Reference Documentation

• insights-api.md - Red Hat Lightspeed API patterns and response formats
• fleet-management.md - System inventory best practices and filtering strategies

Skill Orchestration Pattern

Information-First Workflow:

User Query: "Show the managed fleet"
    ↓
fleet-inventory skill (discovery)
    ↓
Systems identified: 42 total, 15 affected by CVE-2024-1234
    ↓
User: "What's the risk of CVE-2024-1234?"
    ↓
cve-impact skill (analysis)
    ↓
CVSS 8.1, Critical severity, affects httpd package
    ↓
User: "Remediate CVE-2024-1234 on all production systems"
    ↓
`/remediation` skill (action)
    ↓
Playbook generated and executed

Key Principle: Always start with discovery before taking remediation actions. This ensures informed decisions based on actual fleet state.

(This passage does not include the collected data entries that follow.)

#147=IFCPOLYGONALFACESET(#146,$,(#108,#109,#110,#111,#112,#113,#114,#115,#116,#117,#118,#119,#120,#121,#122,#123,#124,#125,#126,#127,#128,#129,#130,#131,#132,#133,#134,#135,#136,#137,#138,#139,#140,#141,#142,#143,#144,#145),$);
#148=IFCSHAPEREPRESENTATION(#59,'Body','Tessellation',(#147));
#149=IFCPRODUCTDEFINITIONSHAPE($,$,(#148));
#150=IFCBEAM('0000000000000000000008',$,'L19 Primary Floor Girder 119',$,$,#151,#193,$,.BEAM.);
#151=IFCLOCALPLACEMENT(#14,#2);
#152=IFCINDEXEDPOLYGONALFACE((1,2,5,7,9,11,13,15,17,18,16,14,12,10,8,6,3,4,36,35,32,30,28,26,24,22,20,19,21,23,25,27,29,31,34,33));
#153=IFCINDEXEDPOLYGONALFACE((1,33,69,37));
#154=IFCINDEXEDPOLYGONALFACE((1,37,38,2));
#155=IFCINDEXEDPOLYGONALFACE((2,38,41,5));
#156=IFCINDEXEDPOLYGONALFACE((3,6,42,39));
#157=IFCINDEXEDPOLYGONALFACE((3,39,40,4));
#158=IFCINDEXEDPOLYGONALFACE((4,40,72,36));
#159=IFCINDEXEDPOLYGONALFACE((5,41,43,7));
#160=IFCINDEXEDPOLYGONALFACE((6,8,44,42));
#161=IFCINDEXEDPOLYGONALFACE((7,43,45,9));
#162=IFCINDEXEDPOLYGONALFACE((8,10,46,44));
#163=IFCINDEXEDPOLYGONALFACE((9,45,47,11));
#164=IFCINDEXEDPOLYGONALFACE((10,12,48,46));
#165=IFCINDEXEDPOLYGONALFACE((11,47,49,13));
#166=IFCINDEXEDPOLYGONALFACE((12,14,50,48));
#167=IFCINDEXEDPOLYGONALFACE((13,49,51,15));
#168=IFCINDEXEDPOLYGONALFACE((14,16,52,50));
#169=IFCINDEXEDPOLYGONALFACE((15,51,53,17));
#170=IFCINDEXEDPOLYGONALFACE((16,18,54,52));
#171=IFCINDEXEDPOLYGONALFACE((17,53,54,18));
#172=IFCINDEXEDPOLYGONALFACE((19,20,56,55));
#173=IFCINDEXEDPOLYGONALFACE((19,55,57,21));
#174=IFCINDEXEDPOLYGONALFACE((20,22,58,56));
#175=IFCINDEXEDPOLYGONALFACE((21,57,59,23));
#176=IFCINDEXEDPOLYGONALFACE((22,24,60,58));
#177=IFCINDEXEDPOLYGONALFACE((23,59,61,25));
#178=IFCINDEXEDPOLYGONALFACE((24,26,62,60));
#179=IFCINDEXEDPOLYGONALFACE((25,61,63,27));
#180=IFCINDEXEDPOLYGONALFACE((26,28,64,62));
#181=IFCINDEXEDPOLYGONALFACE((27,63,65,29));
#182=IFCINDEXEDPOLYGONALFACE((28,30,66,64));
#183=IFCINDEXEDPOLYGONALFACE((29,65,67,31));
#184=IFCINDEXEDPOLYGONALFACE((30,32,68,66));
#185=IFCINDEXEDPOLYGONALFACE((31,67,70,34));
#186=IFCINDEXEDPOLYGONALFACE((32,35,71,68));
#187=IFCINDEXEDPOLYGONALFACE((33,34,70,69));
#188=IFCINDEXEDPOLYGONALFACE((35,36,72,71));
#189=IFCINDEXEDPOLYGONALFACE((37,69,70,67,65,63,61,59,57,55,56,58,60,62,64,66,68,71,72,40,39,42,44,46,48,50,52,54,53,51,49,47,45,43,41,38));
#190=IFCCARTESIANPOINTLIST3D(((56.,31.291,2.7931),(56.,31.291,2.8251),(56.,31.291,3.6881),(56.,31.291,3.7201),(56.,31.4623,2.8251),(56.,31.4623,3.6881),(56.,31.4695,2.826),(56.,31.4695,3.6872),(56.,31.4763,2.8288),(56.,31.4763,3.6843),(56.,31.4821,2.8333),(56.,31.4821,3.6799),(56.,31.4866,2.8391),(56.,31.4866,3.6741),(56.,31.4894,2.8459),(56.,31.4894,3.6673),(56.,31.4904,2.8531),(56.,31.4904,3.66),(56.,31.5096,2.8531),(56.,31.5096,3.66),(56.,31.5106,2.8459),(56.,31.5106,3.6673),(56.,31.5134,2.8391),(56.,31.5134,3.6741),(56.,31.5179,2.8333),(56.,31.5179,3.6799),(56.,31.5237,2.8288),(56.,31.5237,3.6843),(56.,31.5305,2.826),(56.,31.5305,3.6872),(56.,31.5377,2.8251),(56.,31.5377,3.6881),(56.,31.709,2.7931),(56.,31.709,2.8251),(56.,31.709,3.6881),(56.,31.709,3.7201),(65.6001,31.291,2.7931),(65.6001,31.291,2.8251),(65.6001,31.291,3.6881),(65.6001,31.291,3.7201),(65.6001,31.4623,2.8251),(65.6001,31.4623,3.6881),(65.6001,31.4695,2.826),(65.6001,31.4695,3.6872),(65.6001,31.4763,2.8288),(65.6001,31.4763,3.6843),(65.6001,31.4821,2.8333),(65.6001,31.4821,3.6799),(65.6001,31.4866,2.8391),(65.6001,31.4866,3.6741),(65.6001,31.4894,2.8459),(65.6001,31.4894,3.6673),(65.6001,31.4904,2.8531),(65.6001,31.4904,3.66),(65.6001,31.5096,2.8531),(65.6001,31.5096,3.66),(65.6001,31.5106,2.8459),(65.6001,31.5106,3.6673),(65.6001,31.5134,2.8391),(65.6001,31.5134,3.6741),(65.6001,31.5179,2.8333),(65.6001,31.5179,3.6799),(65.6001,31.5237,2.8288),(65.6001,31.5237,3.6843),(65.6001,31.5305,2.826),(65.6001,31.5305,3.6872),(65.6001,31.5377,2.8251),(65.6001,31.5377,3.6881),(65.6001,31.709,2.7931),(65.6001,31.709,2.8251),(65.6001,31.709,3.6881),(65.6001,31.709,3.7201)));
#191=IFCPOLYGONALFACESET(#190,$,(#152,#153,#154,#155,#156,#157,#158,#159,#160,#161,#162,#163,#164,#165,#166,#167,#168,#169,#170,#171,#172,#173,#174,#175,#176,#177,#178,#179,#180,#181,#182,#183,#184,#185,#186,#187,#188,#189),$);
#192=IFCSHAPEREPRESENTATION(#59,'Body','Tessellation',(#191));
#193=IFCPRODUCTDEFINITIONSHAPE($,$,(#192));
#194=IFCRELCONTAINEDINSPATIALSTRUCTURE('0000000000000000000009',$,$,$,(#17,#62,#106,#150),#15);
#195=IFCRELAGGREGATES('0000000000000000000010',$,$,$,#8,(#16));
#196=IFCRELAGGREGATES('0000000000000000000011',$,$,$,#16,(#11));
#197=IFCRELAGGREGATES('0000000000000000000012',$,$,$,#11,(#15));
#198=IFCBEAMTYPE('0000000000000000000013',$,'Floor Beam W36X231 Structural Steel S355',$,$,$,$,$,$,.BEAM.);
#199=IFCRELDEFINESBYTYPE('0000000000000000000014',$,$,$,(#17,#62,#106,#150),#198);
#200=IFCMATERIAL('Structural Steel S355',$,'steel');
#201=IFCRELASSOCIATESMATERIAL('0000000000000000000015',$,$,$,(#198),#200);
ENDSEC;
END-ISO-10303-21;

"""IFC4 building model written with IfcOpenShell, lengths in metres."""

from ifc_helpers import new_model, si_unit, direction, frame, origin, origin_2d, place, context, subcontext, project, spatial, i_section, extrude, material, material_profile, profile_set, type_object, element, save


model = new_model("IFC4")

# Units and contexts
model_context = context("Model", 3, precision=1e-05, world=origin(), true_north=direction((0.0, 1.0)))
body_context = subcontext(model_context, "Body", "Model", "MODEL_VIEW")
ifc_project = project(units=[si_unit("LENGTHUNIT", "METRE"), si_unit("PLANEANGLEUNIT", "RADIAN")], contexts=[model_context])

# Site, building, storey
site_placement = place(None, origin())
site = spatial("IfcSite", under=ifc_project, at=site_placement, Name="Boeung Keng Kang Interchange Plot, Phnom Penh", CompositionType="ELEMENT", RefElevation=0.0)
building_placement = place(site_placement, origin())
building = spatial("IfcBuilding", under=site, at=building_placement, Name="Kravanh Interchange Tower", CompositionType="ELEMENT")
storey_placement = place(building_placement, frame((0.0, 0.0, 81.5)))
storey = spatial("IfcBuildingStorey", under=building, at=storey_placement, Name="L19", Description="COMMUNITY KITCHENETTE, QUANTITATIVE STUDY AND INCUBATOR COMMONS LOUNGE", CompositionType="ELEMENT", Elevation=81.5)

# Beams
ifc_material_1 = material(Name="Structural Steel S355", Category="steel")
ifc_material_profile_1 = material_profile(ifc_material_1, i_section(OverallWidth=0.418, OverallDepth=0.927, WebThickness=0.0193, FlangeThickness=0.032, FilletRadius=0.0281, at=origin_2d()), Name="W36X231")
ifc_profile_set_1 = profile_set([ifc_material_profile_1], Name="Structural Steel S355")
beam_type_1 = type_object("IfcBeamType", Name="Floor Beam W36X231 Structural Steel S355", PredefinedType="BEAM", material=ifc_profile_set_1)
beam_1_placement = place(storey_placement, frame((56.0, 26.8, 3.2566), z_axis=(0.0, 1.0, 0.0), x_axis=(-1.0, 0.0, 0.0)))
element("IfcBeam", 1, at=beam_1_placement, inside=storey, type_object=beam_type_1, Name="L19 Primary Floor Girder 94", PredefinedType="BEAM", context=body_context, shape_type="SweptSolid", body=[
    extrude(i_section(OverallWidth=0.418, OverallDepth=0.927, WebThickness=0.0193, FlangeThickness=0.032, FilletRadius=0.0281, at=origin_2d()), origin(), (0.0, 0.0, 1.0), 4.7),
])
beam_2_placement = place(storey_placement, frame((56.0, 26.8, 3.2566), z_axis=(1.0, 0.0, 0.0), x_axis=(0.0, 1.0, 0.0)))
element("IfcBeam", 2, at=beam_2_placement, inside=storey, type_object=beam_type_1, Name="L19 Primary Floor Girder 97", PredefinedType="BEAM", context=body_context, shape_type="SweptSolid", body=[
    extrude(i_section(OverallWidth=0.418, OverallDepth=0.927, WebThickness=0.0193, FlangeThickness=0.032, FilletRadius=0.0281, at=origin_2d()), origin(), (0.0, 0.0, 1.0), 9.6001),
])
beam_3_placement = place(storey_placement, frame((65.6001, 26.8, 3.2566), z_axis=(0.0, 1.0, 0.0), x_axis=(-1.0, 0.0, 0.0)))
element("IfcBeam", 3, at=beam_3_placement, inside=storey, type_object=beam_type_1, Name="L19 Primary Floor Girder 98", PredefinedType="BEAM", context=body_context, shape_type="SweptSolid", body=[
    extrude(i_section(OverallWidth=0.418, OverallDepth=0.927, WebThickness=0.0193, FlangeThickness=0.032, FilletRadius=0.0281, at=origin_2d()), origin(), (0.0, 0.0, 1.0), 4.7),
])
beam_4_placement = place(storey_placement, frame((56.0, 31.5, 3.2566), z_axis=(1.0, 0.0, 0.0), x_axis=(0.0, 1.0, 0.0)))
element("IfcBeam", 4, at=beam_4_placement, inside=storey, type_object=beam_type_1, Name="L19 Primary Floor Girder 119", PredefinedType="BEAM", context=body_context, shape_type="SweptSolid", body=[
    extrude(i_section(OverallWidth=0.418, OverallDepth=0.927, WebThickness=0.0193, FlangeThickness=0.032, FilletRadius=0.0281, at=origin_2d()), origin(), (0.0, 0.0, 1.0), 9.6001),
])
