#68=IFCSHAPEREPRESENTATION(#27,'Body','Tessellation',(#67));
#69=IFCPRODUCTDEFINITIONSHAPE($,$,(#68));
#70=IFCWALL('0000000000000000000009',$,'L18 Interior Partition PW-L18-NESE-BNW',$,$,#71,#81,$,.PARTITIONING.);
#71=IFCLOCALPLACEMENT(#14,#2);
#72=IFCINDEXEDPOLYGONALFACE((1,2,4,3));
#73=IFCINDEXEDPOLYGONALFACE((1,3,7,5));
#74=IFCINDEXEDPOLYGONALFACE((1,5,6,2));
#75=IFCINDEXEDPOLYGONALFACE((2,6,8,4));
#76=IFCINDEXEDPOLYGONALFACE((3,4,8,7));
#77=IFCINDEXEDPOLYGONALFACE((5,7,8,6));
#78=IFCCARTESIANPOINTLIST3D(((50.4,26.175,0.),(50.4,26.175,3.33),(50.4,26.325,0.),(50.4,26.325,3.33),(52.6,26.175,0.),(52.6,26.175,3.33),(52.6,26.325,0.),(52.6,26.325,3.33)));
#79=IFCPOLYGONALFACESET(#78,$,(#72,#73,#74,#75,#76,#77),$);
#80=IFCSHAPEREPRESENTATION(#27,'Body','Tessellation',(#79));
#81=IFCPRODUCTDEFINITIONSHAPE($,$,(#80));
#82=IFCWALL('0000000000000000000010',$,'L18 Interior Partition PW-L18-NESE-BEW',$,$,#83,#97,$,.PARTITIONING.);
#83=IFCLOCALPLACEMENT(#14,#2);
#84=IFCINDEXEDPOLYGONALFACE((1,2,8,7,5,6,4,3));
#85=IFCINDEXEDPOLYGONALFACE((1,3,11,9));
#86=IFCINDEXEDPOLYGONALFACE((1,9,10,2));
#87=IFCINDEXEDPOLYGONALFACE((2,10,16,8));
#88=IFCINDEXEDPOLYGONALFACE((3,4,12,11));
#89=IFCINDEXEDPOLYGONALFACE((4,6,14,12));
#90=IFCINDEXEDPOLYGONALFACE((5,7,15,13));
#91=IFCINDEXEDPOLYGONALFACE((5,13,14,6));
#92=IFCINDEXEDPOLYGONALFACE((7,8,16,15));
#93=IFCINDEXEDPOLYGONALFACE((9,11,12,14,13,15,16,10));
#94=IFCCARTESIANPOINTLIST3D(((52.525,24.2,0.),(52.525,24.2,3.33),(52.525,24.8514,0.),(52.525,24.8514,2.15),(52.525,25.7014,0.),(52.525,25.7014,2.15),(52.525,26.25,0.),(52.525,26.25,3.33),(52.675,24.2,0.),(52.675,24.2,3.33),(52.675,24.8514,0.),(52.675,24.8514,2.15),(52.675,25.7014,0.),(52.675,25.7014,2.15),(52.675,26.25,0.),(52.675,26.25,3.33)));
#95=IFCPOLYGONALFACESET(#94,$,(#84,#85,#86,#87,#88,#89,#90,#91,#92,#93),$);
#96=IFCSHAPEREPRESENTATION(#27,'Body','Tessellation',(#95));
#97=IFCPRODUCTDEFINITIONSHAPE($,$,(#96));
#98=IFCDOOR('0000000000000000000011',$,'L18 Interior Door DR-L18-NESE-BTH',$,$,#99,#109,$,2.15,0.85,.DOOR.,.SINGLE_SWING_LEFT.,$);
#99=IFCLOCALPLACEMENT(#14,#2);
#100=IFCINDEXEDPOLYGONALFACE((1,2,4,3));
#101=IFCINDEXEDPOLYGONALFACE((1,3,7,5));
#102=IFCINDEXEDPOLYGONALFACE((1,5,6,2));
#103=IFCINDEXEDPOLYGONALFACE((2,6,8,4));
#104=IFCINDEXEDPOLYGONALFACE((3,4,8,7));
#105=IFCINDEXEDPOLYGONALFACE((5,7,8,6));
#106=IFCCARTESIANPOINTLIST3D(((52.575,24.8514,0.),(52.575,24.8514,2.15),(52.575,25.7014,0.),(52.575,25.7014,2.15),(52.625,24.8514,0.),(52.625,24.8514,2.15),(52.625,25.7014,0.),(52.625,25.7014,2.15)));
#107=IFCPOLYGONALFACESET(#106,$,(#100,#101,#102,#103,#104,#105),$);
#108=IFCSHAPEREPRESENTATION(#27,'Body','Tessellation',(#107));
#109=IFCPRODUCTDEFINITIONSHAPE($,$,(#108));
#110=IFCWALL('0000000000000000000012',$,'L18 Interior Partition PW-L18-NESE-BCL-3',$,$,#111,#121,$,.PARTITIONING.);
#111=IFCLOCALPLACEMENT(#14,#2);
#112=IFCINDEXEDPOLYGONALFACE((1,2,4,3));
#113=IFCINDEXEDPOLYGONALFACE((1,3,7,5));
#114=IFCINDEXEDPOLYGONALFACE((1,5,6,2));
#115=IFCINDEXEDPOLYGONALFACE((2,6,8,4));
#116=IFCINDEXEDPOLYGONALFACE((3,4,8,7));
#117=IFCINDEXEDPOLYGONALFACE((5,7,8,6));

Output, Examples, Error Handling

Read references/03-output-templates.md for report format. Read references/04-examples.md for fleet, CVE-affected, and environment-filter examples. Read references/05-error-handling.md for no-results, API errors, and stale system handling.

Best Practices

Start broad then filter; group by environment/RHEL/tier; highlight stale systems; offer /remediation transitions; use tables and percentages; declare document consultations; verify prerequisites first.